Lauding the “incredible cast,” she called the film “a really interesting exploration of a world where service robots live alongside humans. Within their time performing specific services for humans, the robots start to realize that they may want something more than the purpose they [were made] for, and the humans begin to fear this. So, eventually, a conflict plays out. There’s a war between the humans and the robots, and the humans leverage technology to win, and they take all of the robots and banish them into an exclusion zone in the middle of a desert wasteland in the center of the U.S. But it’s a global conflict as well. So there are other stories and narratives that can play out in different countries around the world, but we witness the U.S. story in this film.”

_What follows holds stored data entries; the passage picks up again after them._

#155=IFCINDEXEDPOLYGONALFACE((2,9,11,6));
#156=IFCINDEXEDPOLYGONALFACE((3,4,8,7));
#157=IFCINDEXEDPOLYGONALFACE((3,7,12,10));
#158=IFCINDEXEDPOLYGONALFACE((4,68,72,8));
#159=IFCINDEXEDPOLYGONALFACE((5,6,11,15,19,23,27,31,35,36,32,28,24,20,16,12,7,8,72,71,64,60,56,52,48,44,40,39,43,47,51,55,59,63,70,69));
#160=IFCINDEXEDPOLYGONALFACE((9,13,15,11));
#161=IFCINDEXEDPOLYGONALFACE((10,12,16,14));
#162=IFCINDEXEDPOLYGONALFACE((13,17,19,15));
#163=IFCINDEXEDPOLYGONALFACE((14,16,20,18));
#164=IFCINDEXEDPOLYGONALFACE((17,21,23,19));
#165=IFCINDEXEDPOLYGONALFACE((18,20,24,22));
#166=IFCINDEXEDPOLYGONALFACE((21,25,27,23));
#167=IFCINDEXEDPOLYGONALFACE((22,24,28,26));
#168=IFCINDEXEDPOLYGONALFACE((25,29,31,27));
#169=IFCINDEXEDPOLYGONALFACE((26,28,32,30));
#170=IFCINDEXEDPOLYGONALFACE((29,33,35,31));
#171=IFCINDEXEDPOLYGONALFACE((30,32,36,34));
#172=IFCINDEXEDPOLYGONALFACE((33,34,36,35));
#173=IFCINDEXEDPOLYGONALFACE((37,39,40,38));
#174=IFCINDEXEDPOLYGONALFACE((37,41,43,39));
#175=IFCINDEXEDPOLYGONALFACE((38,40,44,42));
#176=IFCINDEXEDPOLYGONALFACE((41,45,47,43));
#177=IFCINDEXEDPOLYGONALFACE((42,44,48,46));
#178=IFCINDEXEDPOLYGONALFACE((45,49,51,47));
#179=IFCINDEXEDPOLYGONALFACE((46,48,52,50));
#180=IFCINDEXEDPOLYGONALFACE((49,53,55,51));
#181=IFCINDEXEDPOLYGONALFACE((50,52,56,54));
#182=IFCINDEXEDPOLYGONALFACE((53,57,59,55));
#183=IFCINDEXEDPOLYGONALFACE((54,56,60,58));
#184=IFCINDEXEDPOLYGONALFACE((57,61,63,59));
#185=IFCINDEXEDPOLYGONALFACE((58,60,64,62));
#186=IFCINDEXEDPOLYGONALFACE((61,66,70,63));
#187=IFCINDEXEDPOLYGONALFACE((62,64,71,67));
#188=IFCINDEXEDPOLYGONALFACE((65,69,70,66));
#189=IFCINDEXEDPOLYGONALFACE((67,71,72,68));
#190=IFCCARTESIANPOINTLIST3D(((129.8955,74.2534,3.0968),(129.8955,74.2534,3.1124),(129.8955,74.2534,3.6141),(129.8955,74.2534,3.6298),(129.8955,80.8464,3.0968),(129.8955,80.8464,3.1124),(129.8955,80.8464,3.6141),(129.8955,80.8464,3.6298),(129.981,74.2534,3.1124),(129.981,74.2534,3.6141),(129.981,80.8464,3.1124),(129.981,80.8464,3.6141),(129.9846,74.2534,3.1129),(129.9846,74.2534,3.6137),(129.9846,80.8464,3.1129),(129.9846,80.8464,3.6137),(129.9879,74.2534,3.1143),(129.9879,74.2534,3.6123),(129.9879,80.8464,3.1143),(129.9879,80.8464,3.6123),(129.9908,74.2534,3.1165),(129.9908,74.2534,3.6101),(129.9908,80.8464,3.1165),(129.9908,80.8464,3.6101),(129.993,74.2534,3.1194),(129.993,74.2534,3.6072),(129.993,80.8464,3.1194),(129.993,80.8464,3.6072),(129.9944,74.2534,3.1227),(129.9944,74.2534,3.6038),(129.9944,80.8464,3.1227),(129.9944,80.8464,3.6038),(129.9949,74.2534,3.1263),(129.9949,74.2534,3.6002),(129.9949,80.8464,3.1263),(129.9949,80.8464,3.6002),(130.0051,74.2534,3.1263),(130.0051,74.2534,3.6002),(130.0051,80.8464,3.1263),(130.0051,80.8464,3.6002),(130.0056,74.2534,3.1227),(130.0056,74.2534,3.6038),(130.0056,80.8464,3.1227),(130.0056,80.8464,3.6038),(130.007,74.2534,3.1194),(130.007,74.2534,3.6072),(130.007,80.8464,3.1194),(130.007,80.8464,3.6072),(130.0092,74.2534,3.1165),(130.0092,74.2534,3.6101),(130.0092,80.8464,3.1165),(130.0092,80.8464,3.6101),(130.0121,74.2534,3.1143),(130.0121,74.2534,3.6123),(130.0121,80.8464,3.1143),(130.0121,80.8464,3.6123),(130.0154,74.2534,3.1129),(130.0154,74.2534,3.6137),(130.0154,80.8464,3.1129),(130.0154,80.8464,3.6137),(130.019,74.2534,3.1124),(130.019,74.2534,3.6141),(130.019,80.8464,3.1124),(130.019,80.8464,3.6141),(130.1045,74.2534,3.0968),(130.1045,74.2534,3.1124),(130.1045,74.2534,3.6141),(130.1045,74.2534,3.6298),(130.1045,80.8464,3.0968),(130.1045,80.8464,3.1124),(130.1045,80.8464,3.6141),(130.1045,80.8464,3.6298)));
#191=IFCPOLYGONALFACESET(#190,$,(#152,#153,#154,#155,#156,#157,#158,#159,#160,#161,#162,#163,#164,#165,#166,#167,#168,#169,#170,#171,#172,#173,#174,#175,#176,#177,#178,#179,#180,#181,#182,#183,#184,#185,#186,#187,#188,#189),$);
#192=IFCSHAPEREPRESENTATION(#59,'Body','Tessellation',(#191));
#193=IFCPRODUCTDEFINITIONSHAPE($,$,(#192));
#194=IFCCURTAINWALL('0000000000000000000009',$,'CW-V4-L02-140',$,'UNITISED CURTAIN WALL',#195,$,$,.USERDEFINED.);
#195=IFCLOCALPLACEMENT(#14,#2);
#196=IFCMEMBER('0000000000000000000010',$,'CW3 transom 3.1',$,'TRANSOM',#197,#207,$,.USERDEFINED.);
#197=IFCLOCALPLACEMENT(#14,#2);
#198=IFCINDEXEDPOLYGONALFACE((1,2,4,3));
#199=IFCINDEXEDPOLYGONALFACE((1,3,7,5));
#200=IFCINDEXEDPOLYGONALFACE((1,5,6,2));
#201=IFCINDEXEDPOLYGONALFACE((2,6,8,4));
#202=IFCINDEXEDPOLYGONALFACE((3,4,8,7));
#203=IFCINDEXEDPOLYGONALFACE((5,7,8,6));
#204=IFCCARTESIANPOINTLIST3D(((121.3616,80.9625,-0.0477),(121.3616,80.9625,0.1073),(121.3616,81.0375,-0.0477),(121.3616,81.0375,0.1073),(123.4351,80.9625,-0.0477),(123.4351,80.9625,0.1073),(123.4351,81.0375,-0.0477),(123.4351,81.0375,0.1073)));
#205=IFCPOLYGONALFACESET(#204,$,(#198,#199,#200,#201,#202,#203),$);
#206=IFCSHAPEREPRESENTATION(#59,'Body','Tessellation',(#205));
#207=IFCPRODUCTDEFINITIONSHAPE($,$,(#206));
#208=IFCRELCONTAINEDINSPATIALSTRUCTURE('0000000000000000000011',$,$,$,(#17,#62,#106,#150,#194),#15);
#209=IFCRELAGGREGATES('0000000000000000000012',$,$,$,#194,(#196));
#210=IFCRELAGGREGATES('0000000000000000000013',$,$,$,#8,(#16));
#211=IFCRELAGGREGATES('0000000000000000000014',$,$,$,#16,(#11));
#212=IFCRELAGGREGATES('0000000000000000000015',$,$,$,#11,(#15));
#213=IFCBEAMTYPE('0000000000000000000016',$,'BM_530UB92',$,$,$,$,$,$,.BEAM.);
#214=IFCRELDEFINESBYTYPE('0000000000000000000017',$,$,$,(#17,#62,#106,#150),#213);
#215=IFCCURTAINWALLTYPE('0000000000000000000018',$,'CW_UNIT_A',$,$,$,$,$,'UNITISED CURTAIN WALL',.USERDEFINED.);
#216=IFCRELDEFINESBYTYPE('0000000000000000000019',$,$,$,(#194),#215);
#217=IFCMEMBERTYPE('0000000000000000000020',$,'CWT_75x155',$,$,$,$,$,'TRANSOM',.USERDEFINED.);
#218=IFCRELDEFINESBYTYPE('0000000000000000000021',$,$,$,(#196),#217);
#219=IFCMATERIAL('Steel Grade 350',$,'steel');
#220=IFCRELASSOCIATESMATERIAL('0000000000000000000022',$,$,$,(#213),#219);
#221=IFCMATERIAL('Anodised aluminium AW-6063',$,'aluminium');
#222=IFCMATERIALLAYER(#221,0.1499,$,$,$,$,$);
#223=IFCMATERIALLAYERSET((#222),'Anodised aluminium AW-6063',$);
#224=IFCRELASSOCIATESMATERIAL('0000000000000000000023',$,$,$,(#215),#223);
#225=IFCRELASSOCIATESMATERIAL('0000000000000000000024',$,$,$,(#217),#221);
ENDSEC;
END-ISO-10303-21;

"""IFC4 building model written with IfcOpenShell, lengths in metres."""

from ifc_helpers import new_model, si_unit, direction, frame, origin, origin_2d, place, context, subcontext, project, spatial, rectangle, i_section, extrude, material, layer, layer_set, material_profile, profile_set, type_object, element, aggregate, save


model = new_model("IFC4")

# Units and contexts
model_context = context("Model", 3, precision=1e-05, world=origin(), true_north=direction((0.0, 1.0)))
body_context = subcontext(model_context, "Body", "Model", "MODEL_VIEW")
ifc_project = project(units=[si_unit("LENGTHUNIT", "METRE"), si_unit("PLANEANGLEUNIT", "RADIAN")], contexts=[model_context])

Koltai-Levine shared on Tuesday that “Chris Pratt’s sidekick is Anthony Mackie, which is a great little irony” for Marvel universe fans.
Russo-Otstot also argued that the movie’s robots “have a real nostalgia to them,” adding that some of them are based on actual brands. Woody Harrelson’s robot character, for instance, is Mr. Peanut in the robot rebellion. And I remember when we had to approach Hormel to ask permission to do this. We were like: ‘It has to be Mr. Peanut. We have to make this work.’ And fortunately, it did work out.”
In early 2022, AGBO got a $400 million investment from Japanese video game maker Nexon Co. in a deal that valued the company at $1.1 billion and gave Nexon a 38 percent stake. The company has also been working on developing a gaming slate, led by former Epic Games chief creative officer Donald Mustard who is now an AGBO partner.
Plus, the company is looking for ways to use its creative and technological capabilities in innovative ways. “I love this opportunity that was brought to us,” Russo-Otstot shared. “Anthony, Joe and Donald separately have all had wonderful collaborations over the years with Robert Downey Jr., and Robert was going to do this play called McNeal, which is in previews and is premiering on Monday night at Lincoln Center.” It sees the star playing a gifted author who always finds himself as runner-up for the Pulitzer Prize and develops a fascination with artificial intelligence.
“Within the play, there’s an exploration of the lead character confronting an AI version of himself. He asked if our tech teams could build out the digital asset that would represent him, and so we used our virtual production team to create a digi double that appears within the play” on a screen, Russo-Otstot explained. “It was a really fun small contribution to this incredible endeavor.”
She emphasized that while the play is about an AI version of the author, AGBO didn’t make an AI version of Downey Jr. or his character, but a digital double.